Executive argument: the platform is the product
Banks don’t win AI-era loyalty by attaching tools to outdated systems. They win by treating the platform itself as the product—a vertically integrated engagement layer that manages every sales and servicing journey, front-to-back, with AI woven in. That’s the core of Jouk Pleiter’s argument: platform thinking breaks down silos, standardizes journeys, and creates control points where AI can add real value without disrupting the system.
The strategic shift is twofold. First, modernize the engagement layer—the point where customers actually engage with your bank—so journeys are managed end-to-end rather than by channels or products. Second, add an “intelligence fabric” to that platform so AI enhances each step: onboarding, service, advice, fraud, collections. This is how established banks regain speed without continuous core replacement projects.
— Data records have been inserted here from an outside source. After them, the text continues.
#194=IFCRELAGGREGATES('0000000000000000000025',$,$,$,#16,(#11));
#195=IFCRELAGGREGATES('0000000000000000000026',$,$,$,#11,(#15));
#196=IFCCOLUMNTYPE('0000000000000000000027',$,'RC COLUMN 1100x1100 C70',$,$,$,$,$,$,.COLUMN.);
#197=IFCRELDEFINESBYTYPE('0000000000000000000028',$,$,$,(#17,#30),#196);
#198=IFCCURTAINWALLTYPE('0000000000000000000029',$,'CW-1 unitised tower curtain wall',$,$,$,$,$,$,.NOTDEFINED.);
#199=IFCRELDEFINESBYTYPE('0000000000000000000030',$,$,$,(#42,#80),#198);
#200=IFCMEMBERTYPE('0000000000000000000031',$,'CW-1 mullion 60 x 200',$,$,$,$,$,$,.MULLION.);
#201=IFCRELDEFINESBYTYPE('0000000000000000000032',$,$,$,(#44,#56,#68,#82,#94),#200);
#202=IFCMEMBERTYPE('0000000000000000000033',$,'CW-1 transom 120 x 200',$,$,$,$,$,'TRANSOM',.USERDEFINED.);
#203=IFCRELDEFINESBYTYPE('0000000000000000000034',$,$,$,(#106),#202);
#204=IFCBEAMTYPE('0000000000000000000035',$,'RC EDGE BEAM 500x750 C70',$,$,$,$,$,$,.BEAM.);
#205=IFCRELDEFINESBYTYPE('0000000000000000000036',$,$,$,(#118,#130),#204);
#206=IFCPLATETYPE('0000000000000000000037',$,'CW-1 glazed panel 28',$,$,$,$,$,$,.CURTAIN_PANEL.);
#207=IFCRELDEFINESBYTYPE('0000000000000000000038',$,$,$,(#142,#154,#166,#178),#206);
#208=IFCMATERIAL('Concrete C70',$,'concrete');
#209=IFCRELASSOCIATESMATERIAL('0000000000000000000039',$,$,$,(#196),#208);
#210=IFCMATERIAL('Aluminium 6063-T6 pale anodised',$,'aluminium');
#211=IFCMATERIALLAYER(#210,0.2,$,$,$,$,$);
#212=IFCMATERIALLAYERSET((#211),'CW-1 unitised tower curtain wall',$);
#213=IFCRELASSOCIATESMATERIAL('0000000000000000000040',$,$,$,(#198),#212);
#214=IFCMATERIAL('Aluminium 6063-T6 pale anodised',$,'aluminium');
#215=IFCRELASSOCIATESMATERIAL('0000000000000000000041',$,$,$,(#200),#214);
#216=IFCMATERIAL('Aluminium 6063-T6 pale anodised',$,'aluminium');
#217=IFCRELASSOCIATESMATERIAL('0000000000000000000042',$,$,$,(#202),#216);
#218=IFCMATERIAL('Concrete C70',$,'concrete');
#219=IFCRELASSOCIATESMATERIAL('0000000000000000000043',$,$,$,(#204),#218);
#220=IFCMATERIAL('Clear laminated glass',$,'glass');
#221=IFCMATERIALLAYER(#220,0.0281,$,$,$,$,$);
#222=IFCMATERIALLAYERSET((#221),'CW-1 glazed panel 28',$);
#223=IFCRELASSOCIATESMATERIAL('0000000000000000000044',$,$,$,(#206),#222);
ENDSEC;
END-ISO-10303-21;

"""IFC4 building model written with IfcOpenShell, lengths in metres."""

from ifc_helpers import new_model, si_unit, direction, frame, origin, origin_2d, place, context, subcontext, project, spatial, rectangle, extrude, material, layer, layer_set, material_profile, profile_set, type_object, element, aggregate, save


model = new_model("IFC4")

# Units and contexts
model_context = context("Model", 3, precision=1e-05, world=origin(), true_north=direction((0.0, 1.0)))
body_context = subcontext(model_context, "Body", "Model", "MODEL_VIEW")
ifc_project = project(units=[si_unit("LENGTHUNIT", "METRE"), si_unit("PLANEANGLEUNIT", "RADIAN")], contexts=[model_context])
Why now: AI has changed the economics of modernization
In 2026, AI is not an add-on; it’s the new operating system of growth and cost-to-serve. Banks that scale AI do three things differently: connect use-cases to value, standardize a capability stack (data, models, orchestration), and encourage adoption with new ways of working. That blueprint benefits platforms that centralize orchestration and reuse across journeys—rather than one-off pilots in scattered channels.
Market signals support this: vendors are providing AI-powered engagement platforms and partnerships to bridge the human-digital gap (e.g., Backbase’s AI-powered platform and Unblu integration), while major banks are deploying generative AI into frontline experiences on a large scale (e.g., NatWest). The direction is clear: platformize, then productize AI across journeys.
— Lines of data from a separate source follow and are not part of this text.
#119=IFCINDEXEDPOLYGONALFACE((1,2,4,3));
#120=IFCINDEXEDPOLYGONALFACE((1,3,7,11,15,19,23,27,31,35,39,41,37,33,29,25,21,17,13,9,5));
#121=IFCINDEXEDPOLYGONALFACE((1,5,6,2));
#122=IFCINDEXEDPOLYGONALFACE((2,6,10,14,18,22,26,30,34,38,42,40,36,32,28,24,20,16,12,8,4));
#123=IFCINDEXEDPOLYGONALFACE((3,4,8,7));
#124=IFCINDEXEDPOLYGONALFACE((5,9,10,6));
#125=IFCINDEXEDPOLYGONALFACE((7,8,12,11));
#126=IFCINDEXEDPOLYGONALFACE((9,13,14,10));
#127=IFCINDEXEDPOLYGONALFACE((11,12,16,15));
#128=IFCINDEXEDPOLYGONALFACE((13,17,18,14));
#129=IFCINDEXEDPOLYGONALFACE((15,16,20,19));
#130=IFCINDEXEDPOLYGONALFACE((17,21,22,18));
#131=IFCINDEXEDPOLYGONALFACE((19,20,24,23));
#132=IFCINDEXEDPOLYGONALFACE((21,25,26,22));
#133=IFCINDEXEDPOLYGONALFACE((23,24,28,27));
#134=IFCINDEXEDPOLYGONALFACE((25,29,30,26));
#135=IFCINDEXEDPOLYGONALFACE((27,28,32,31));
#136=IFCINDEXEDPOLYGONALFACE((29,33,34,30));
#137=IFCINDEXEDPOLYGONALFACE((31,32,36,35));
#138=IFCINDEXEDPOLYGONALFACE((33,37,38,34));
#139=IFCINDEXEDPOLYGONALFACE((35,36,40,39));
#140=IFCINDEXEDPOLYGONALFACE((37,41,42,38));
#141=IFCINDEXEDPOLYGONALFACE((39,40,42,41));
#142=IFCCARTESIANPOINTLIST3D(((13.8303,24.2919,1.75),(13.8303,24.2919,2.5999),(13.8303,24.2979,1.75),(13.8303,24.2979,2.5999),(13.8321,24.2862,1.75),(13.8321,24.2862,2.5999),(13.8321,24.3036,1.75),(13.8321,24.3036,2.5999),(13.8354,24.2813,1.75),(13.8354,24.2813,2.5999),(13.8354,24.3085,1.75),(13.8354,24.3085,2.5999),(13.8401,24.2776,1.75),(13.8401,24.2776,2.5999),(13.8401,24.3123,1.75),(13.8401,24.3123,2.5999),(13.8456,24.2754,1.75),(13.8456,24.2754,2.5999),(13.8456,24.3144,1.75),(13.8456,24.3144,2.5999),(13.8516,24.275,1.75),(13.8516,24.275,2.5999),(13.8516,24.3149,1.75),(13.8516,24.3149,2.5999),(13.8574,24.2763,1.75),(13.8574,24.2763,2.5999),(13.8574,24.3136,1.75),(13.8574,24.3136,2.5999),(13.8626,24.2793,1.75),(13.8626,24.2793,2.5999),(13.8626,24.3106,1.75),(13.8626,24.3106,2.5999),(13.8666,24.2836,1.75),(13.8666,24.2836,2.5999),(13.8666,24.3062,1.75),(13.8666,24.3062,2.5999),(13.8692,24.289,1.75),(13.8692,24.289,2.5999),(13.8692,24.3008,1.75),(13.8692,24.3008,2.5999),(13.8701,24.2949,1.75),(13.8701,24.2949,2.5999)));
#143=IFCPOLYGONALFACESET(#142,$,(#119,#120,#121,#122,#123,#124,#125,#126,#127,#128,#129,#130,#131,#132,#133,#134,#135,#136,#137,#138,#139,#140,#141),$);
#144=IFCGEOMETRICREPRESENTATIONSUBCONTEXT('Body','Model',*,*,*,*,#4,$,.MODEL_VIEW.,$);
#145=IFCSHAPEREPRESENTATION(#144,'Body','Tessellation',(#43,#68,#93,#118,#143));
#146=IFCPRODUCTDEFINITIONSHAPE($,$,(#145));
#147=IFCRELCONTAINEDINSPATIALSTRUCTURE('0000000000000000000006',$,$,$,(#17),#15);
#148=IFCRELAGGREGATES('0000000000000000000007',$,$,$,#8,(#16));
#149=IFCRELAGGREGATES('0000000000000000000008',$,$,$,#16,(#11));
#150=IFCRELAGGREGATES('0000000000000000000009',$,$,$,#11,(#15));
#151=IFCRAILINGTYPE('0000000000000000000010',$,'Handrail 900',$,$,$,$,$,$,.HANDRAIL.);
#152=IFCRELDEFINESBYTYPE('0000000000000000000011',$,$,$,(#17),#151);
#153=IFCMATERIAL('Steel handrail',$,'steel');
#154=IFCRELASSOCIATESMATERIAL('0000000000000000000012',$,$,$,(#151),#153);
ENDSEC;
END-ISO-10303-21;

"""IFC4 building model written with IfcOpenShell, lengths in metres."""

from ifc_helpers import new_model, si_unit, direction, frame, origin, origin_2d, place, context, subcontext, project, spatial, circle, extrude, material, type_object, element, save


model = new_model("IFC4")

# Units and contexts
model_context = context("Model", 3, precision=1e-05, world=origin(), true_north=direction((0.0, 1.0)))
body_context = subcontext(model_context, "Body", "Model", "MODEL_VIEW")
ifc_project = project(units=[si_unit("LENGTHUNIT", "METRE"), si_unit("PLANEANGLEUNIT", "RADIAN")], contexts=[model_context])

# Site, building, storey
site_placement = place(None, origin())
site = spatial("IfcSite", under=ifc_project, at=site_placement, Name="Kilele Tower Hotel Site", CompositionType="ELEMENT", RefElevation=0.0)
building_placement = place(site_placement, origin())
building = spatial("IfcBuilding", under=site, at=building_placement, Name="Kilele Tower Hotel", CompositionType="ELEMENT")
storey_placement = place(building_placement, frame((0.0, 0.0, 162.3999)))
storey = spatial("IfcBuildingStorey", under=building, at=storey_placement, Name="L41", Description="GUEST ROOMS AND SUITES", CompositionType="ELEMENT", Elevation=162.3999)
What a platform approach looks like (and what it isn’t)
A true platform is journey-based and progressive: select a priority journey—say SME onboarding—and modernize it front-to-back, reusing components across segments. It avoids “rip-and-replace” doctrine, but also avoids the opposite trap: incremental tinkering that never transforms customer experience. Composability is important, but without a unifying engagement layer, composability devolves into integration theatre.
Backbase’s approach is instructive: an engagement platform that unifies journeys and provides standard control points for AI—decision-making, personalization, and agentic workflow—rather than spreading point bots across channels. The goal is a bank-owned platform where AI can be governed, audited, and updated quickly.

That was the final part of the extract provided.